Code that excplicitly wants to handle its errors would now look something like (assuming !> means "handle error")

do_something() => n {
    /* ok */
}
!> e {
    /* error branch, if omitted just throws the error to whoever called us? */
    println("caught an error :((((");
    println(e); /* if the error value is just a constant string */
    error "now I have overwritten your error, lol";
    /* possibly also attaches file and line numbers or something? Or is that too heavy?*/
}

Some semantics are still a bit unclear, like how multiple calls should be handled:

do_something() => n;
do_something_with(n) => m;
...
!> e {
    /* who does this belong to? Should this be allowed at all? */
    /* at the moment I'm leaning towards binding to the closest function call */
}

It might also be a bit confusing to follow the code of execution:

do_something() => n;
!> e {...}
do_something_with(n) => m;
...

would effectively be something like

err_t err = do_something(|n|{
    do_something_with(n, |m|{
        ...
    });
});
if (err) {...}

Now it's also a bit unclear if one should use error statements, std::optional or std::expected to signify that something failed. I guess it might depend on the context, but having to deal with multiple ways a function might fail is a bit annoying in any language and something I'd like to avoid if possible.

error should still run the local destructors, but if we have something like

create_some_object((*whatever_t) next)
{
    malloc(sizeof(whatever_t)) => ptr;
    init_whatever(ptr) => whatever;
    next(whatever);
    free(whatever);
}

(preferably the pointer from malloc would immediately be thrown into a box or something, that way we could fairly easily handle its lifetime automatically but anyway)
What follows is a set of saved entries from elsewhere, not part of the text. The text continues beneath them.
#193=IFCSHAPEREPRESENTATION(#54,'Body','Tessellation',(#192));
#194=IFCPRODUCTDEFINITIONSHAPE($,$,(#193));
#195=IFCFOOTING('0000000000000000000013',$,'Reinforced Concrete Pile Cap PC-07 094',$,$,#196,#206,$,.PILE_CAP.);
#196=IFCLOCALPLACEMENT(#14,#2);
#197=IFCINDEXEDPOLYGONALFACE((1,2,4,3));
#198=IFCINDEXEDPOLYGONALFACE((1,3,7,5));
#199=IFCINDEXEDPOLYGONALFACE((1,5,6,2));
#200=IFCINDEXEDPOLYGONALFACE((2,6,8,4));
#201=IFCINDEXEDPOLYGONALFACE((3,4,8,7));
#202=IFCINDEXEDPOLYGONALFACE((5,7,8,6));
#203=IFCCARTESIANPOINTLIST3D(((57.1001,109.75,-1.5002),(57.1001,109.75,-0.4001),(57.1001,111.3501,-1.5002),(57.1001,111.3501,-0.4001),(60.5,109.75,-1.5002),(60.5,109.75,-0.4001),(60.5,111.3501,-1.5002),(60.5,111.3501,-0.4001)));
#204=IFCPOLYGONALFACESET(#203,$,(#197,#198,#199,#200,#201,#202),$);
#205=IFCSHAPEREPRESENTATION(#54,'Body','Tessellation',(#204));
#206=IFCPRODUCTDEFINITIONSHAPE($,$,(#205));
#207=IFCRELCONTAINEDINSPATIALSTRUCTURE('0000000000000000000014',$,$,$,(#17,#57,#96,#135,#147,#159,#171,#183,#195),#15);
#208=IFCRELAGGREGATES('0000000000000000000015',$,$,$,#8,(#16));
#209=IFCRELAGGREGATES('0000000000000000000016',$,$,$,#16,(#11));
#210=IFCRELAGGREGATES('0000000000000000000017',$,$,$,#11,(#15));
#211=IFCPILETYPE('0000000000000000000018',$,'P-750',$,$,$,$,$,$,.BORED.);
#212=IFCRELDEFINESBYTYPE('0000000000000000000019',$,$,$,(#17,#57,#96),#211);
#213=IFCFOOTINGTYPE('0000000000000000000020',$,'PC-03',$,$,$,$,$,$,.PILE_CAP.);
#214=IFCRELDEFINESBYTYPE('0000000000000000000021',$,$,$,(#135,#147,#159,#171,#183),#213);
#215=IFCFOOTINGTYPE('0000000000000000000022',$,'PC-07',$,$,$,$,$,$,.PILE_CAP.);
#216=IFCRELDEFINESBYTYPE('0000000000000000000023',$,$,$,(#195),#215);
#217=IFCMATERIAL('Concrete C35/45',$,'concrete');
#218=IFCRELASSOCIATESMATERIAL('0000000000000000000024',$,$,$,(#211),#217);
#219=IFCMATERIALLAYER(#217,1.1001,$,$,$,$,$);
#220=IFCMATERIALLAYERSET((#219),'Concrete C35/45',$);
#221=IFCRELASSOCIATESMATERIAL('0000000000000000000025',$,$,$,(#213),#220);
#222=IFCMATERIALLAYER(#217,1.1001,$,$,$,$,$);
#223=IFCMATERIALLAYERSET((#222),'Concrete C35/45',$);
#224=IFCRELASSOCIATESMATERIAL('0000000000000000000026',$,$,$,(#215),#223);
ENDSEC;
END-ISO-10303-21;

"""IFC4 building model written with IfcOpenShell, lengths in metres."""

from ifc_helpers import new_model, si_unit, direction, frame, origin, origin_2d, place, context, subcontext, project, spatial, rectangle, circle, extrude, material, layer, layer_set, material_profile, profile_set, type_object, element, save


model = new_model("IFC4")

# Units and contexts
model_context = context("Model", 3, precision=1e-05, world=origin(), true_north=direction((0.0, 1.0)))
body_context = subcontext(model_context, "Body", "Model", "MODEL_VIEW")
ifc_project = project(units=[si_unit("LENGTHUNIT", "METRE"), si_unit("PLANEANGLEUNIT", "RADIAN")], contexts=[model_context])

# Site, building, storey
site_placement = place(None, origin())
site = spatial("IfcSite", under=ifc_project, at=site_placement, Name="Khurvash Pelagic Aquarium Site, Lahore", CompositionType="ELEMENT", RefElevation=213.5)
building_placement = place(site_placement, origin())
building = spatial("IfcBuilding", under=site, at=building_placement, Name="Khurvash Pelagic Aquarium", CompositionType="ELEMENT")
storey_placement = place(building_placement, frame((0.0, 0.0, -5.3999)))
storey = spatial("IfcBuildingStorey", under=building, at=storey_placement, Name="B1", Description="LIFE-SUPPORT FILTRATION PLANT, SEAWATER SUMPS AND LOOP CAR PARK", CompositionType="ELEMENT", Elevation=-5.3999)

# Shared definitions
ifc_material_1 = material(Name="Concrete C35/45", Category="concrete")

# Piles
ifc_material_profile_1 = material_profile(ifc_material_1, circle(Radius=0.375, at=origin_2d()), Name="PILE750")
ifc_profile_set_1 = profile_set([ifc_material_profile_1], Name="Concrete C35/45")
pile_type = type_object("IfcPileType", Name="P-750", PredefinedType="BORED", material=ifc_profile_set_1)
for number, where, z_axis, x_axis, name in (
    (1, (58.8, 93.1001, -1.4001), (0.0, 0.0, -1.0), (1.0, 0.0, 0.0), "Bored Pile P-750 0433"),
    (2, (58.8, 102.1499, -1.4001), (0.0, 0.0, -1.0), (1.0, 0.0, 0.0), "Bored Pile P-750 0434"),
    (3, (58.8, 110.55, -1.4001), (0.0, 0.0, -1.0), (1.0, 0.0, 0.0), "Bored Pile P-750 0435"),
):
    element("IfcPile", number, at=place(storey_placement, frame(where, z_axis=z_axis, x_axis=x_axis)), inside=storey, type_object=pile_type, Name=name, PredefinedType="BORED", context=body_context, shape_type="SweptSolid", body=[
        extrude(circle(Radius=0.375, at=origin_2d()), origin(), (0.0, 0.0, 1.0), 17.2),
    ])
this would now leak memory on each error, whether that be from init_whatever or next. Technically speaking a memory leak is safe, but it should preferably be avoided whenever possible. The fix would be something like

create_some_object((*whatever_t) next)
{
    malloc(sizeof(whatever_t)) => ptr;

    init_whatever(ptr) => whatever;
    !> e {free(ptr); error e;}

    next(whatever);
    !> e {free(ptr); error e;}

    free(ptr);
}

but I'm not entirely certain if this can be automatically detected. In theory I guess we could implement the safe and unsafe attributes and provide wrappers for creating box pointers that immediately fix the issue, but hmm.

Calling closure multiple times

This is a relatively small detail, same as in Rust. Depending on how a closure is used, it can have different properties. If the closure is called just once (probably the most common situation), it is allowed to move captured variables. If called multiple times, it is not, since a previous invocation might've already moved some variables.

Then there are also function pointers that don't have any closure attached to them. Currently I'm thinking of using the syntax

 (int) - closure that can be called once
&(int) - closure that can be called multiple times
*(int) - raw function pointer, can be called multiple times

The semantics for passing these different types around seem to match variables fairly close, where a 'call' is a kind of destructive move. The exact semantics are still unimplemented, though.